Me da risaloca que el director y los pastores cristianos que la promueven repitan una y otra vez que su discurso es respetuosísimo, sin carga homofóbica, cuando al mismo tiempo sus afirmaciones suenan impositivas, con un pensamiento digno de las sectas decimonónicas. Gómez Leyva le pregunta a Del Toro que qué onda con quienes no creen en Dios y en cambio saben que las leyes civiles son palpables, y el también productor responde que qué pena y afirma que “en Jesucristo hay una opción real”.

Pero lo que en verdad me emputa es lo que declara Pablo Cheng (el ¿actor? que en Pink interpreta al gay más floripondio y estereotipado) en sus entrevistas a Radio Fórmula y TVNotas. Él afirma estar en contra de la adopción homoparental —mas no del matrimonio gay— y dice que “los jotos se hicieron para jotear, para ser jotos entre hombre y hombre o mujer y mujer, pero la mujer se hizo para tener hijos y el hombre también. Los jotos, no: los jotos no debemos hacer eso”.

¿Neta? ¿Un homosexual expresándose así, aceptando un papel que lo denigra sólo por un poquito de fama? Me hace pensar que las “desviaciones” en las personas son intelectuales, del pensamiento, y no de género o sexualidad. Cualquiera puede ser una persona horrible, sin importar si se acuesta con hombres o mujeres. No todos los homosexuales sueñan con travestirse ni todos los heterosexuales son unos machos cabrones. Y si seguimos la Teoría queer, no hay géneros: sólo individuos.

Lo que debería saber Paco del Toro es que la controversia no está peleada con el buen gusto.
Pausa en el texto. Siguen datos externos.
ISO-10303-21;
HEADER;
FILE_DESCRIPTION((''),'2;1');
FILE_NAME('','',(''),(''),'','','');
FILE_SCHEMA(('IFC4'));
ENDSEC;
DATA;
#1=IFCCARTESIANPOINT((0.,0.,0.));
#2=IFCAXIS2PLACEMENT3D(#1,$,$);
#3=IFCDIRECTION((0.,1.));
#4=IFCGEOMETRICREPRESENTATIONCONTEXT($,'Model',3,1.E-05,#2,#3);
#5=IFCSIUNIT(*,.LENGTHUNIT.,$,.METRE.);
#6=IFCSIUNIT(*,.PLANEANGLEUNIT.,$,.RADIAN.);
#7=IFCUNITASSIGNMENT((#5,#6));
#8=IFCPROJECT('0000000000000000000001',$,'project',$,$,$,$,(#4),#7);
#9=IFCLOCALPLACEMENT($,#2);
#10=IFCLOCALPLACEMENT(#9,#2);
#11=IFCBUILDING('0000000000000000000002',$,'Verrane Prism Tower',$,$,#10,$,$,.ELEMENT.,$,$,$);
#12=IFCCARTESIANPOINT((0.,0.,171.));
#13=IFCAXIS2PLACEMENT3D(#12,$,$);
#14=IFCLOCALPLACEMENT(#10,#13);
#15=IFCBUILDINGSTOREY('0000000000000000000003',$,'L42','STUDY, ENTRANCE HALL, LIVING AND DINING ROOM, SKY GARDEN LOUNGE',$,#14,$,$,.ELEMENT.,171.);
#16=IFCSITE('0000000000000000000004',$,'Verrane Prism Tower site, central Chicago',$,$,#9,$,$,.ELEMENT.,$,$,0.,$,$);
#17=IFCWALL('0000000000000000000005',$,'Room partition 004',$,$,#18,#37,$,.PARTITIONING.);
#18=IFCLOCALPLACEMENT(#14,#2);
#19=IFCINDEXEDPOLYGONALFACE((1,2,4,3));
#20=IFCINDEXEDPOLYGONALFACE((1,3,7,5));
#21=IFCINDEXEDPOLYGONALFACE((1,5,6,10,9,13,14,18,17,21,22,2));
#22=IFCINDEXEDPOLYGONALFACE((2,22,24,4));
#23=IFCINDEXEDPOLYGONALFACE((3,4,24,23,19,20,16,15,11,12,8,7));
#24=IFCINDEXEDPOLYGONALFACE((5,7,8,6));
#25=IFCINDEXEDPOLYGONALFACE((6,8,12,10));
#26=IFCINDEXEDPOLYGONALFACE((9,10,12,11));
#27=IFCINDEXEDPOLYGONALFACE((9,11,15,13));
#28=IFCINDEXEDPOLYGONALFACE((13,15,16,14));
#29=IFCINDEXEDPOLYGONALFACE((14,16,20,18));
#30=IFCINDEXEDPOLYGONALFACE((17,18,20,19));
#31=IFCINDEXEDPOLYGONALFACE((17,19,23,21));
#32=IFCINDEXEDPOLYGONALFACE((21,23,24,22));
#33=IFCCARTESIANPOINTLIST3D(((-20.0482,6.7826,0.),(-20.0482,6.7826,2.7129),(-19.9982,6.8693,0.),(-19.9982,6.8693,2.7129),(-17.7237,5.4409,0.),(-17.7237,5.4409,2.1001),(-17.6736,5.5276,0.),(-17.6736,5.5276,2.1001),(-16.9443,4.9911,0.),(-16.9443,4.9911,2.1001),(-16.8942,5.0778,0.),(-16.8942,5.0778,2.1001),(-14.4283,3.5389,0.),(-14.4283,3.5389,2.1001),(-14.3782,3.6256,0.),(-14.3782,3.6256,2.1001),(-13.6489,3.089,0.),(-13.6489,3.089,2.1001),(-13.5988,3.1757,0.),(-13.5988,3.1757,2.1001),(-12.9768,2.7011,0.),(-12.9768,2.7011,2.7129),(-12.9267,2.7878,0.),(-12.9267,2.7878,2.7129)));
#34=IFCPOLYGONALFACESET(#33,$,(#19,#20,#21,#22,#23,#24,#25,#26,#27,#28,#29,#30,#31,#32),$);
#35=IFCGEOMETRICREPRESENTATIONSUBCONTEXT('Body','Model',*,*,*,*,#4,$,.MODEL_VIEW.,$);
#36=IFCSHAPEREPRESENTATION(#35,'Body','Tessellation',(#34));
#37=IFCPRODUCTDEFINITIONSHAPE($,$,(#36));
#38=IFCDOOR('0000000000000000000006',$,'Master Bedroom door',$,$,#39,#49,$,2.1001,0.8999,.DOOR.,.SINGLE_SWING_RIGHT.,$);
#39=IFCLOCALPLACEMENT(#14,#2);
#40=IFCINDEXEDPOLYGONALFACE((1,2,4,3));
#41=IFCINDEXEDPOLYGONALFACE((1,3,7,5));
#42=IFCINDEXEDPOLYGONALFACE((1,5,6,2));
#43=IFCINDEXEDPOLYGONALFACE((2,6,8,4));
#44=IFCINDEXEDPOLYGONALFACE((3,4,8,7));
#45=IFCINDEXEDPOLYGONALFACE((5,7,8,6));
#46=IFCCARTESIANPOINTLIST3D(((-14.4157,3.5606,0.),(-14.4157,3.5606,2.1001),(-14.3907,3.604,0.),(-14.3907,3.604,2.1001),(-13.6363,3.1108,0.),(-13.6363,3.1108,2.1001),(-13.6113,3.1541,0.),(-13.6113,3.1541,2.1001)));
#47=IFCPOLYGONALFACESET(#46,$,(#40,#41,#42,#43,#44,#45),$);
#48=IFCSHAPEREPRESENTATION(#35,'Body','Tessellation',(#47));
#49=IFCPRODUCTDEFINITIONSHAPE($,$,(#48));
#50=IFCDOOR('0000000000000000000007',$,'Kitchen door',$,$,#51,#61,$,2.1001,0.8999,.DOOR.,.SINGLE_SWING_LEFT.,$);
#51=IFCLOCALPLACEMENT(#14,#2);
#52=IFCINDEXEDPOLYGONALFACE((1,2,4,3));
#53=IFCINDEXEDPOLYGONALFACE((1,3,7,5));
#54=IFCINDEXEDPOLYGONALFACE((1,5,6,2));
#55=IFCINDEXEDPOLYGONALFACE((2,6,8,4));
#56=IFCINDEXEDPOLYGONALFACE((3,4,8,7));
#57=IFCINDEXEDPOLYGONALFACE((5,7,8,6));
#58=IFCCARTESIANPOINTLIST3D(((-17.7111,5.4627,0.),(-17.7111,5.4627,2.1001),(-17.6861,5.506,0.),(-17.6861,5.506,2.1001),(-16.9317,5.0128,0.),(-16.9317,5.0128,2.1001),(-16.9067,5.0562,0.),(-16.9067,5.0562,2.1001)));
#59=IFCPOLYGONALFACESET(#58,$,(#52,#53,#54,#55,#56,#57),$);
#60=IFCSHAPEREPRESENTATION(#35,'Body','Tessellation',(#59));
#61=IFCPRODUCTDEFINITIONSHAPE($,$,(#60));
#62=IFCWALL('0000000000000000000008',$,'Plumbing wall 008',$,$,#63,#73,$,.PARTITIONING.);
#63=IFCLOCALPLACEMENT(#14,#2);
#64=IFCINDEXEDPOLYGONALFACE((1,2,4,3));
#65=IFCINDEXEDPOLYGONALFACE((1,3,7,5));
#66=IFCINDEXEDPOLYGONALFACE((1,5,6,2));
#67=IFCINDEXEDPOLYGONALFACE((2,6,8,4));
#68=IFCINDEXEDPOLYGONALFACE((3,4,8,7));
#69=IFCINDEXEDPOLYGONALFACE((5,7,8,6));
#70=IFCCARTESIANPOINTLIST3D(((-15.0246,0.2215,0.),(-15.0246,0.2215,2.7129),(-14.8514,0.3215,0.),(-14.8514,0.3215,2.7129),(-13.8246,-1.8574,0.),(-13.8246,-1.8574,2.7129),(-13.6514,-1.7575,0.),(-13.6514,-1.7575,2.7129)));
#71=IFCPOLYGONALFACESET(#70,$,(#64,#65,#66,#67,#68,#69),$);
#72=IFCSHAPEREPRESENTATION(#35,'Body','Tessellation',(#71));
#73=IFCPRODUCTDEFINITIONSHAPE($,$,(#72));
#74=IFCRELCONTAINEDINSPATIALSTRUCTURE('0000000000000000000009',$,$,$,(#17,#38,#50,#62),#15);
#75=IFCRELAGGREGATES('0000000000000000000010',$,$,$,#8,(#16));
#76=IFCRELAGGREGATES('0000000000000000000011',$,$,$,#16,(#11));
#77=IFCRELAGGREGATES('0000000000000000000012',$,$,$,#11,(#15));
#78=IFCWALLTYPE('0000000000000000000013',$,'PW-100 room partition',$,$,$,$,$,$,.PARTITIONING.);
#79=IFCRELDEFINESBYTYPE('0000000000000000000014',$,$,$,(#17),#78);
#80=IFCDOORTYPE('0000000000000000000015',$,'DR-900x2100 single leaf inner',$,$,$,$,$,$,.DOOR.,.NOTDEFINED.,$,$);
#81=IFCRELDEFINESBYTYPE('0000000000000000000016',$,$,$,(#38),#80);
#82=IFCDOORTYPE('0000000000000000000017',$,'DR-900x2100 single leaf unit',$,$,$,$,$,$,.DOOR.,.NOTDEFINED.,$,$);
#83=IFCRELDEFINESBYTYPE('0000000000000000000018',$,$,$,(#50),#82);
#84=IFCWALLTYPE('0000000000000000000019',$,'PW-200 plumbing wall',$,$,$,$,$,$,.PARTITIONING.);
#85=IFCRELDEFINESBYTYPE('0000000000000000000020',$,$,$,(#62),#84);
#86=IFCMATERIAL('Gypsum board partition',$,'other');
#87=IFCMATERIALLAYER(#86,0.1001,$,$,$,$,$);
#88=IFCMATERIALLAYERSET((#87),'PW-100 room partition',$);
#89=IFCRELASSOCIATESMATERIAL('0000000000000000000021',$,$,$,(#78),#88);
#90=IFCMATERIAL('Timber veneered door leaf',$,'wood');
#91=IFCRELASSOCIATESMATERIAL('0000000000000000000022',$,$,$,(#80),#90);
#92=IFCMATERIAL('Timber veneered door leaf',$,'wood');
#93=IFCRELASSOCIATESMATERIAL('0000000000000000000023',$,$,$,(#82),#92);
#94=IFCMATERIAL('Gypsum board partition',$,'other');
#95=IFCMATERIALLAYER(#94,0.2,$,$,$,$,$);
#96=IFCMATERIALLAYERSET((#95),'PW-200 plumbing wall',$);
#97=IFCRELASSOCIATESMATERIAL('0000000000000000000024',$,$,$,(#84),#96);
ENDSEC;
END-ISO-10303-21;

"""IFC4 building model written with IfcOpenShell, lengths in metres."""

from ifc_helpers import new_model, si_unit, direction, frame, frame_2d, origin, place, context, subcontext, project, spatial, rectangle, extrude, material, layer, layer_set, type_object, element, fill, save


model = new_model("IFC4")

# Units and contexts
model_context = context("Model", 3, precision=1e-05, world=origin(), true_north=direction((0.0, 1.0)))
body_context = subcontext(model_context, "Body", "Model", "MODEL_VIEW")
ifc_project = project(units=[si_unit("LENGTHUNIT", "METRE"), si_unit("PLANEANGLEUNIT", "RADIAN")], contexts=[model_context])

# Site, building, storey
site_placement = place(None, origin())
site = spatial("IfcSite", under=ifc_project, at=site_placement, Name="Verrane Prism Tower site, central Chicago", CompositionType="ELEMENT", RefElevation=0.0)
building_placement = place(site_placement, origin())
building = spatial("IfcBuilding", under=site, at=building_placement, Name="Verrane Prism Tower", CompositionType="ELEMENT")
storey_placement = place(building_placement, frame((0.0, 0.0, 171.0)))
storey = spatial("IfcBuildingStorey", under=building, at=storey_placement, Name="L42", Description="STUDY, ENTRANCE HALL, LIVING AND DINING ROOM, SKY GARDEN LOUNGE", CompositionType="ELEMENT", Elevation=171.0)

# Shared definitions
ifc_material_1 = material(Name="Gypsum board partition", Category="other")
ifc_layer_1 = layer(ifc_material_1, 0.1001)
ifc_layer_set_1 = layer_set([ifc_layer_1], Name="PW-100 room partition")
wall_type_1 = type_object("IfcWallType", Name="PW-100 room partition", PredefinedType="PARTITIONING", material=ifc_layer_set_1)

# Wall, openings, doors
wall_1_placement = place(storey_placement, frame((-12.9517, 2.7444, 0.0), z_axis=(0.0, 0.0, 1.0), x_axis=(-0.866089, 0.499889, 0.0)))
wall_1 = element("IfcWall", 1, at=wall_1_placement, inside=storey, type_object=wall_type_1, Name="Room partition 004", PredefinedType="PARTITIONING", context=body_context, shape_type="SweptSolid", body=[
    extrude(rectangle(XDim=8.1648, YDim=0.1001, at=frame_2d((4.0825, 0.0))), origin(), (0.0, 0.0, 1.0), 2.7129),
])
opening_1_placement = place(wall_1_placement, frame((4.5811, 0.0, 0.0)))
opening_1 = element("IfcOpeningElement", 2, at=opening_1_placement, cuts=wall_1, PredefinedType="OPENING", context=body_context, shape_type="SweptSolid", body=[
    extrude(rectangle(XDim=0.8999, YDim=2.1001, at=frame_2d((0.45, 1.05))), frame((0.0, 0.0601, 0.0), z_axis=(0.0, -1.0, 0.0), x_axis=(1.0, 0.0, 0.0)), (0.0, 0.0, 1.0), 0.1201),
])
opening_2_placement = place(wall_1_placement, frame((0.7761, 0.0, 0.0)))
opening_2 = element("IfcOpeningElement", 3, at=opening_2_placement, cuts=wall_1, PredefinedType="OPENING", context=body_context, shape_type="SweptSolid", body=[
    extrude(rectangle(XDim=0.8999, YDim=2.1001, at=frame_2d((0.45, 1.05))), frame((0.0, 0.0601, 0.0), z_axis=(0.0, -1.0, 0.0), x_axis=(1.0, 0.0, 0.0)), (0.0, 0.0, 1.0), 0.1201),
])
ifc_material_2 = material(Name="Timber veneered door leaf", Category="wood")
door_type_1 = type_object("IfcDoorType", Name="DR-900x2100 single leaf inner", OperationType="NOTDEFINED", PredefinedType="DOOR", material=ifc_material_2)
door_1_placement = place(opening_2_placement, origin())
door_1 = element("IfcDoor", 4, at=door_1_placement, inside=storey, type_object=door_type_1, Name="Master Bedroom door", OperationType="SINGLE_SWING_RIGHT", OverallHeight=2.1001, OverallWidth=0.8999, PredefinedType="DOOR", context=body_context, shape_type="SweptSolid", body=[
    extrude(rectangle(XDim=0.8999, YDim=2.1001, at=frame_2d((0.45, 1.05))), frame((0.0, 0.0249, 0.0), z_axis=(0.0, -1.0, 0.0), x_axis=(1.0, 0.0, 0.0)), (0.0, 0.0, 1.0), 0.05),
])
fill(opening_2, door_1)
ifc_material_3 = material(Name="Timber veneered door leaf", Category="wood")
door_type_2 = type_object("IfcDoorType", Name="DR-900x2100 single leaf unit", OperationType="NOTDEFINED", PredefinedType="DOOR", material=ifc_material_3)
door_2_placement = place(opening_1_placement, origin())
door_2 = element("IfcDoor", 5, at=door_2_placement, inside=storey, type_object=door_type_2, Name="Kitchen door", OperationType="SINGLE_SWING_LEFT", OverallHeight=2.1001, OverallWidth=0.8999, PredefinedType="DOOR", context=body_context, shape_type="SweptSolid", body=[
    extrude(rectangle(XDim=0.8999, YDim=2.1001, at=frame_2d((0.45, 1.05))), frame((0.0, 0.0249, 0.0), z_axis=(0.0, -1.0, 0.0), x_axis=(1.0, 0.0, 0.0)), (0.0, 0.0, 1.0), 0.05),
])
fill(opening_1, door_2)

# Wall
ifc_material_4 = material(Name="Gypsum board partition", Category="other")
ifc_layer_2 = layer(ifc_material_4, 0.2)
ifc_layer_set_2 = layer_set([ifc_layer_2], Name="PW-200 plumbing wall")
wall_type_2 = type_object("IfcWallType", Name="PW-200 plumbing wall", PredefinedType="PARTITIONING", material=ifc_layer_set_2)
wall_2_placement = place(storey_placement, frame((-14.938, 0.2715, 0.0), z_axis=(0.0, 0.0, 1.0), x_axis=(0.499913, -0.866075, 0.0)))
element("IfcWall", 6, at=wall_2_placement, inside=storey, type_object=wall_type_2, Name="Plumbing wall 008", PredefinedType="PARTITIONING", context=body_context, shape_type="SweptSolid", body=[
    extrude(rectangle(XDim=2.4004, YDim=0.2, at=frame_2d((1.2002, 0.0))), origin(), (0.0, 0.0, 1.0), 2.7129),
])

save(model, "model.ifc")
Si hiciera a un lado —por un momento nomás— la Sagrada Biblia y se acercara a textos de Novo o Monsiváis mismos o incluso John Waters (Mis modelos de conducta es brillante), icono(clasta)s de la elegancia y el ingenio, y grandes provocadores a la vez, se daría cuenta de que se necesita algo-qué-decir y cómo-decirlo-bonito-con-virtud-estilística-y-bien-pensado que esos autores, aun siendo gais y condenados al fuego eterno, dominan como él nunca podrá. O que platique con Francisco Franco (Quemar las naves, Tercera llamada), mexicano, homosexual y verdadero cineasta, pa’ que aprenda algo.

La homosexualidad no es unilateral. Los gais no son jotos o desviados o sodomitas, ni santos o mojigatos: sólo humanos y, por lo tanto, complejos y con varias caras, igual que cualquier heterosexual (o buga). En la sociedad actual, todos podemos profesar y pensar —y criticar— lo que queramos.  ¿Pero no se supone que Dios prefiere amor y paz en vez de rencor e intento de imposición?

Yo me pregunto honestamente si tras el desdén que algunos, como Del Toro, tienen hacia los gais no se esconde una inclinación secreta hacia los adanes en vez de las evas. Podría ser, ¿no? Si nos guiáramos por las palabras de este director, sería evidente que Dios no es tan buen guionista y la mojigatería no otorga en automático dominio de la técnica cinematográfica y narrativa. ¡Pero no! El cine es creación humana y si una película es fea (audiovisualmente), sin importar su temática, es fea y punto. Lo verdaderamente penoso es cuando aparte de fea, es mala y no a propósito.